# Tracer 275 Aufbau für Frauchen ;)



## _-lupin-_ (30. Mai 2014)

So,

1. Aufbaustufe ist ersteinmal abgeschlossen.









viel Spaß beim zuschauen ;-)


----------



## Noeoeoe (30. Mai 2014)

Warum einen 2 Fach umwerfer bei einer dreifach Kurbel?
Wenn du brauchst, ich hab noch ein neues Vorderrad mit flow ex,hope evo SP und magic Mary in 650b rumliegen...


----------



## MTB-News.de




----------



## _-lupin-_ (30. Mai 2014)

hi, 

naja weil Frauchen gern der Optik halber den kleinen Kranz gern drauf hätte ;-)

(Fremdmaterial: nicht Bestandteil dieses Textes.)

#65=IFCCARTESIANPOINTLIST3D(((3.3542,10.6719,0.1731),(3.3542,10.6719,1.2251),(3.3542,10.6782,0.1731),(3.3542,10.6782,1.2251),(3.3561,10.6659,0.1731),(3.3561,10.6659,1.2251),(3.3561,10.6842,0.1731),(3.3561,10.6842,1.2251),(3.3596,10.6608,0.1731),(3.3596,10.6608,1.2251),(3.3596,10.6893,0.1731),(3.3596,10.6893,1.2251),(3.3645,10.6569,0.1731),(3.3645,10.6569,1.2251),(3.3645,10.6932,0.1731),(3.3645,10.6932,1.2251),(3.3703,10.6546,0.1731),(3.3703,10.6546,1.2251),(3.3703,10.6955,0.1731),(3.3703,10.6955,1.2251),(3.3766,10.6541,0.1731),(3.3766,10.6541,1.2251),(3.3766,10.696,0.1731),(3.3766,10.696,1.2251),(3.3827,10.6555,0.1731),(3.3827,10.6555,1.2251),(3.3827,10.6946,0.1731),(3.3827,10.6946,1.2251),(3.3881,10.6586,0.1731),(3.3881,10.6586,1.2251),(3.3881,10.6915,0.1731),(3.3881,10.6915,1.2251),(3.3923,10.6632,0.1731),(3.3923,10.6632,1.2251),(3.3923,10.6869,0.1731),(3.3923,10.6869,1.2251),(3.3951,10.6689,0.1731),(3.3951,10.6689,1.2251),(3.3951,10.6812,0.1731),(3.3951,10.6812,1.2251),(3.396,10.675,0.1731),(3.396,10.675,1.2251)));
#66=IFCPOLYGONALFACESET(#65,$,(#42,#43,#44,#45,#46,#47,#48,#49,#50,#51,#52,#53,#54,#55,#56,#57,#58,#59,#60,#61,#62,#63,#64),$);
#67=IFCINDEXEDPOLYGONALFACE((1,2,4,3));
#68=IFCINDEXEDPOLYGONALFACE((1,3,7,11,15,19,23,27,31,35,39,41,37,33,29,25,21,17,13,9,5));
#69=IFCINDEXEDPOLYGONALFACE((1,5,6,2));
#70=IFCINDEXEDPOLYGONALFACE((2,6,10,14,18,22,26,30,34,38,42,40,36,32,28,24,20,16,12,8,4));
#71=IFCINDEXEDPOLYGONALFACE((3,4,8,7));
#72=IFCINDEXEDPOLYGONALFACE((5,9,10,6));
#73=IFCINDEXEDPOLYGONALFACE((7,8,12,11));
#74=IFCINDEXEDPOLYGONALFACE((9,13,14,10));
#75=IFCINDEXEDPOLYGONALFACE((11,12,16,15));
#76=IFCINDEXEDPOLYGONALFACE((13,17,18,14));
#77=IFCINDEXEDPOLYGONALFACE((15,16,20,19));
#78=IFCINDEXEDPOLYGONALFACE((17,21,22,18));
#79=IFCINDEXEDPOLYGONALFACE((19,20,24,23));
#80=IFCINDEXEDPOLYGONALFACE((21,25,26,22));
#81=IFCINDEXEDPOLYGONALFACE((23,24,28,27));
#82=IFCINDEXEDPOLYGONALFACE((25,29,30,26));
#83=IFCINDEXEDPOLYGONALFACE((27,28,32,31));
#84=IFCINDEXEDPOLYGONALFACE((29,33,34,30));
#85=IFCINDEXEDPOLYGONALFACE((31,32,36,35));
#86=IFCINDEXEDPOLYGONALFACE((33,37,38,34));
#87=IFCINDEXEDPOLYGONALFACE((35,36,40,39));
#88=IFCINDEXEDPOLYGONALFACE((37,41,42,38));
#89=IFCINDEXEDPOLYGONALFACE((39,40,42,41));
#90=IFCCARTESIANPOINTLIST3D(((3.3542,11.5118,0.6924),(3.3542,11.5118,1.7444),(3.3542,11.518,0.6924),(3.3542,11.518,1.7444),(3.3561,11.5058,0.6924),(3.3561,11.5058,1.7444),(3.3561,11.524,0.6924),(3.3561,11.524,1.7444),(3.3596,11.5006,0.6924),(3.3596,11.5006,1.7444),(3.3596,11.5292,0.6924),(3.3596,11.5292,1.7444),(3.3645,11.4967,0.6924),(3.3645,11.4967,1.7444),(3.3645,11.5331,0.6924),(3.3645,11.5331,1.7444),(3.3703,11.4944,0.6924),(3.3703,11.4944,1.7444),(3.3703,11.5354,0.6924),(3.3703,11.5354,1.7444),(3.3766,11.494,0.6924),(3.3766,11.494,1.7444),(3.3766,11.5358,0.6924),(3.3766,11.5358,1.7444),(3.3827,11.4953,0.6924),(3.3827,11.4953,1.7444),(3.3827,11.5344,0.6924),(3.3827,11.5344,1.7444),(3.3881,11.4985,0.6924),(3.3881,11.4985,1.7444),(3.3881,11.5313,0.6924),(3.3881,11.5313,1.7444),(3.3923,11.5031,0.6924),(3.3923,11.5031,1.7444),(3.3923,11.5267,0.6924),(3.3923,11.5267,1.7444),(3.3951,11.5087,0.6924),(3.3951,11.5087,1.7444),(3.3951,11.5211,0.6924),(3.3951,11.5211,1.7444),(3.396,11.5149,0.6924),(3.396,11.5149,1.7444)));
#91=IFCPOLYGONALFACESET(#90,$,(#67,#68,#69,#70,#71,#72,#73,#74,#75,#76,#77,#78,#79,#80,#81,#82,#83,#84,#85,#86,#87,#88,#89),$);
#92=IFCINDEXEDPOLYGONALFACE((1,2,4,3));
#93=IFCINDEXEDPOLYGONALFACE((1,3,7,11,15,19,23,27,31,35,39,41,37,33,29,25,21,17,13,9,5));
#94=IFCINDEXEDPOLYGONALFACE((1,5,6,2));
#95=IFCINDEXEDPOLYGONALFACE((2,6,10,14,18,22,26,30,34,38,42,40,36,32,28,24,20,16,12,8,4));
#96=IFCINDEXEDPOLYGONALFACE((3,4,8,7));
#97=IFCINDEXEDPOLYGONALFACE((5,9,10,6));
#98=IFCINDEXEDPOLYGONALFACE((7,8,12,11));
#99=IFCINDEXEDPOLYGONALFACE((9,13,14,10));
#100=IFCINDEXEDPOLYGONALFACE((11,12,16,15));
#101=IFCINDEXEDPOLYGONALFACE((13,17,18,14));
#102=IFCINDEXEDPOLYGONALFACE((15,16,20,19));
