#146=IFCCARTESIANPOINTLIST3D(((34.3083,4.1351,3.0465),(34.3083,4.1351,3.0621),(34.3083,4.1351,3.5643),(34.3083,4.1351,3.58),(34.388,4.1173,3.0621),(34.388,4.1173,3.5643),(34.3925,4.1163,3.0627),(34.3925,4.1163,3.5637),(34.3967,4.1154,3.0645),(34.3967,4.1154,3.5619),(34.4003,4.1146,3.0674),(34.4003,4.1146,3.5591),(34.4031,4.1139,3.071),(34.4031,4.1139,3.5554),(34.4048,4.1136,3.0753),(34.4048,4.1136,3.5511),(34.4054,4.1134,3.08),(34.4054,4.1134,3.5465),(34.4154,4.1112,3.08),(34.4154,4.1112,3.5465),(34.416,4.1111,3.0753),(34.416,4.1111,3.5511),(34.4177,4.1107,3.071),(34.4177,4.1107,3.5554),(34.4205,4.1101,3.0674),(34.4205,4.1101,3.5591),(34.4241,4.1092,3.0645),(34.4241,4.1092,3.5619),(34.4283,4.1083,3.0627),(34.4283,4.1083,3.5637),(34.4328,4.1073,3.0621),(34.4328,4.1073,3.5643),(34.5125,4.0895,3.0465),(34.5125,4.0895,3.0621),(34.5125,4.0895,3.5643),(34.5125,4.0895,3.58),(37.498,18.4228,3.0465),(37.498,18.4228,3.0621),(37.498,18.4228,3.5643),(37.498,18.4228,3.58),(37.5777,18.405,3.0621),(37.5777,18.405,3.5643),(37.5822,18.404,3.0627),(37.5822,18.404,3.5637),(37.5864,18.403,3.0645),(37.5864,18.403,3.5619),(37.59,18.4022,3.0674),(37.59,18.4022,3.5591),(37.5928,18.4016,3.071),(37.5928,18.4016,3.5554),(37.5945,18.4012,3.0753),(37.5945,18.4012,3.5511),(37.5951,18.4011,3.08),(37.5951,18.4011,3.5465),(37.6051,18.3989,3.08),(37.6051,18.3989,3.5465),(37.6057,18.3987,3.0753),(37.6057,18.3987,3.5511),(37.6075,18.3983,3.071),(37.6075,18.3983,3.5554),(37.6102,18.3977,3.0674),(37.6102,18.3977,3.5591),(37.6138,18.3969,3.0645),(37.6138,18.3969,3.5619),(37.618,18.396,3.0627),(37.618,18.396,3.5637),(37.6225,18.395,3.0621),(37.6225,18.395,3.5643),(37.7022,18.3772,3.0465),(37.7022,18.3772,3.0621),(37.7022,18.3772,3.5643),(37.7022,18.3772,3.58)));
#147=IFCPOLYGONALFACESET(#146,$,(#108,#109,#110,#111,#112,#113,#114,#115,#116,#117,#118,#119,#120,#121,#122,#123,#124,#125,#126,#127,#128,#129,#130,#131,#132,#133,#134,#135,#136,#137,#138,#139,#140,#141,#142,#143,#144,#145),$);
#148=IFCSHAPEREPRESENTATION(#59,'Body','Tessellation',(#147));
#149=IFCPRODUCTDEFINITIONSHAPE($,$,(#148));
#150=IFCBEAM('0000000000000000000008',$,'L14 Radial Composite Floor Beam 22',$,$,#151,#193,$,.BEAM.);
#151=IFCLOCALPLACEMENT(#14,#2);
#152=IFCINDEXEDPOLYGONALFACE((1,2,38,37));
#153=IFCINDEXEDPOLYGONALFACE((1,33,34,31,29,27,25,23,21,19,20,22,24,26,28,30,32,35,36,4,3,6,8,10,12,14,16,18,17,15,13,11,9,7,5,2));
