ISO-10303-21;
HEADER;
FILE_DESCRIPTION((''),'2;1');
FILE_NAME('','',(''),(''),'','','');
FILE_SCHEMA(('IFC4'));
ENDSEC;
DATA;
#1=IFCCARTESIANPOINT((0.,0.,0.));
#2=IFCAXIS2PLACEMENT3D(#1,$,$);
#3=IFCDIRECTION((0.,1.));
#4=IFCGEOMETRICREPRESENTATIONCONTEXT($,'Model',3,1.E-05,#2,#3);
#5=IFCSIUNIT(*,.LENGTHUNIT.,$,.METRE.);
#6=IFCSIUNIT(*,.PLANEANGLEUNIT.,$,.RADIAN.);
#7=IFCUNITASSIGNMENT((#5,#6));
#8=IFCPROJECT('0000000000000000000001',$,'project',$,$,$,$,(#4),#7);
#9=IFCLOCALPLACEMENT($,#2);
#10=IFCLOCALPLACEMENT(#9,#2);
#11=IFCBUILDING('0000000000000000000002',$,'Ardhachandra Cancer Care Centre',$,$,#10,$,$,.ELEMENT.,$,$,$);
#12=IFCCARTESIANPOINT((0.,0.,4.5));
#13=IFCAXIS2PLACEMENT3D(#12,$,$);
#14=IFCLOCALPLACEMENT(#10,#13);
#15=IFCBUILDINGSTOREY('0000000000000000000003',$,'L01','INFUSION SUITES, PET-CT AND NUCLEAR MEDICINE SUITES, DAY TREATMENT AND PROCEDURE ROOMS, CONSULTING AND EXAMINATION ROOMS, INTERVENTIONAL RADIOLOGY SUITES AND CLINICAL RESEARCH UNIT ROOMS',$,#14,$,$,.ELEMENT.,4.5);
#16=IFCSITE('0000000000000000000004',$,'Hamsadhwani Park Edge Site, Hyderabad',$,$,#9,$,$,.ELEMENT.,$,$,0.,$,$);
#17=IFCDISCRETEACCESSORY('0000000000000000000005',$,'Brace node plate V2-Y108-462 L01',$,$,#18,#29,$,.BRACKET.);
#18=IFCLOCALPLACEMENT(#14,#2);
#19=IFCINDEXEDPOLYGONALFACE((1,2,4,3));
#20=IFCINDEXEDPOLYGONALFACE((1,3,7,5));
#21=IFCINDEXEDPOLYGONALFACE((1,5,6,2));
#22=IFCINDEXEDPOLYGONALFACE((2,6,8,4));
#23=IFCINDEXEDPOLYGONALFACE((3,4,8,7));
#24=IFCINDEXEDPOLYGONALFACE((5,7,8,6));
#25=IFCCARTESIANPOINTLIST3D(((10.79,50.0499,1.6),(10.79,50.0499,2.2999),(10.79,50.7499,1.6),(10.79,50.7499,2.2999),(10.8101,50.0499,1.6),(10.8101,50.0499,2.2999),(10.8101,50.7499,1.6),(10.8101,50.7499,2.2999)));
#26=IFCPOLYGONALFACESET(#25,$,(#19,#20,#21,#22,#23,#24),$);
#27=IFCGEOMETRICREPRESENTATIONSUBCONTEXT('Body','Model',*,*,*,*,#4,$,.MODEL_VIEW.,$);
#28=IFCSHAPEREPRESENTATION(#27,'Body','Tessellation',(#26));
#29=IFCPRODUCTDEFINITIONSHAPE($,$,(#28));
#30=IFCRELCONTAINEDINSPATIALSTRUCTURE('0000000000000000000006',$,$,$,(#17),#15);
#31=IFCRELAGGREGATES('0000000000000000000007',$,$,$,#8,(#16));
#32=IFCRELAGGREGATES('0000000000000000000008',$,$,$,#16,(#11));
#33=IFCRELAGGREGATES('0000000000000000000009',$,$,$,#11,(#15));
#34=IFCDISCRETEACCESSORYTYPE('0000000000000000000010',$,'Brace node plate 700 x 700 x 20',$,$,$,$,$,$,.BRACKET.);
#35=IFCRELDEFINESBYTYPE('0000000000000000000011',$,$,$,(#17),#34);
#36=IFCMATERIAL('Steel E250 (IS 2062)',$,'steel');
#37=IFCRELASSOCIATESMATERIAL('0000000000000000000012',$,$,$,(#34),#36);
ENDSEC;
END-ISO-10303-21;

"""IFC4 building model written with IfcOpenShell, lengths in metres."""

from ifc_helpers import new_model, si_unit, direction, frame, origin, origin_2d, place, context, subcontext, project, spatial, rectangle, extrude, material, material_profile, profile_set, type_object, element, save


model = new_model("IFC4")

# Units and contexts
model_context = context("Model", 3, precision=1e-05, world=origin(), true_north=direction((0.0, 1.0)))
body_context = subcontext(model_context, "Body", "Model", "MODEL_VIEW")
ifc_project = project(units=[si_unit("LENGTHUNIT", "METRE"), si_unit("PLANEANGLEUNIT", "RADIAN")], contexts=[model_context])

# Site, building, storey
site_placement = place(None, origin())
site = spatial("IfcSite", under=ifc_project, at=site_placement, Name="Hamsadhwani Park Edge Site, Hyderabad", CompositionType="ELEMENT", RefElevation=0.0)
building_placement = place(site_placement, origin())
building = spatial("IfcBuilding", under=site, at=building_placement, Name="Ardhachandra Cancer Care Centre", CompositionType="ELEMENT")
storey_placement = place(building_placement, frame((0.0, 0.0, 4.5)))
storey = spatial("IfcBuildingStorey", under=building, at=storey_placement, Name="L01", Description="INFUSION SUITES, PET-CT AND NUCLEAR MEDICINE SUITES, DAY TREATMENT AND PROCEDURE ROOMS, CONSULTING AND EXAMINATION ROOMS, INTERVENTIONAL RADIOLOGY SUITES AND CLINICAL RESEARCH UNIT ROOMS", CompositionType="ELEMENT", Elevation=4.5)

# Discrete accessory
ifc_material_1 = material(Name="Steel E250 (IS 2062)", Category="steel")
ifc_material_profile_1 = material_profile(ifc_material_1, rectangle(XDim=0.7, YDim=0.7, at=origin_2d()), Name="PL 700x700x20")
ifc_profile_set_1 = profile_set([ifc_material_profile_1], Name="Steel E250 (IS 2062)")
discrete_accessory_type_1 = type_object("IfcDiscreteAccessoryType", Name="Brace node plate 700 x 700 x 20", PredefinedType="BRACKET", material=ifc_profile_set_1)
discrete_accessory_placement = place(storey_placement, frame((10.79, 50.3999, 1.95), z_axis=(1.0, 0.0, 0.0), x_axis=(0.0, 1.0, 0.0)))
element("IfcDiscreteAccessory", 1, at=discrete_accessory_placement, inside=storey, type_object=discrete_accessory_type_1, Name="Brace node plate V2-Y108-462 L01", PredefinedType="BRACKET", context=body_context, shape_type="SweptSolid", body=[
    extrude(rectangle(XDim=0.7, YDim=0.7, at=origin_2d()), origin(), (0.0, 0.0, 1.0), 0.02),
])

save(model, "model.ifc")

Schick mir doch mal ne PN wegen LRS und genauen Preis


LG


----------



## _-lupin-_ (6. Juni 2014)

2. Aufbaustufe von 4:






Ersteinmal vormontiert, morgen kommen noch Teile. Der rest in einer Woche.


----------



## Teaser (6. Juni 2014)

Schöner Rahmen, Gabel sieht auch super aus, leider nicht für 26er. Passt das mit dem Piggy back?


----------



## _-lupin-_ (6. Juni 2014)

dat passt wunderbar, schon getestet... ;-) und Danke geb es meiner Frau weiter... hat alles Sie ausgesucht ich nur beraten.

Finds auch geil bisher und bin auch ein wenig neidisch, muss ich zugeben.


----------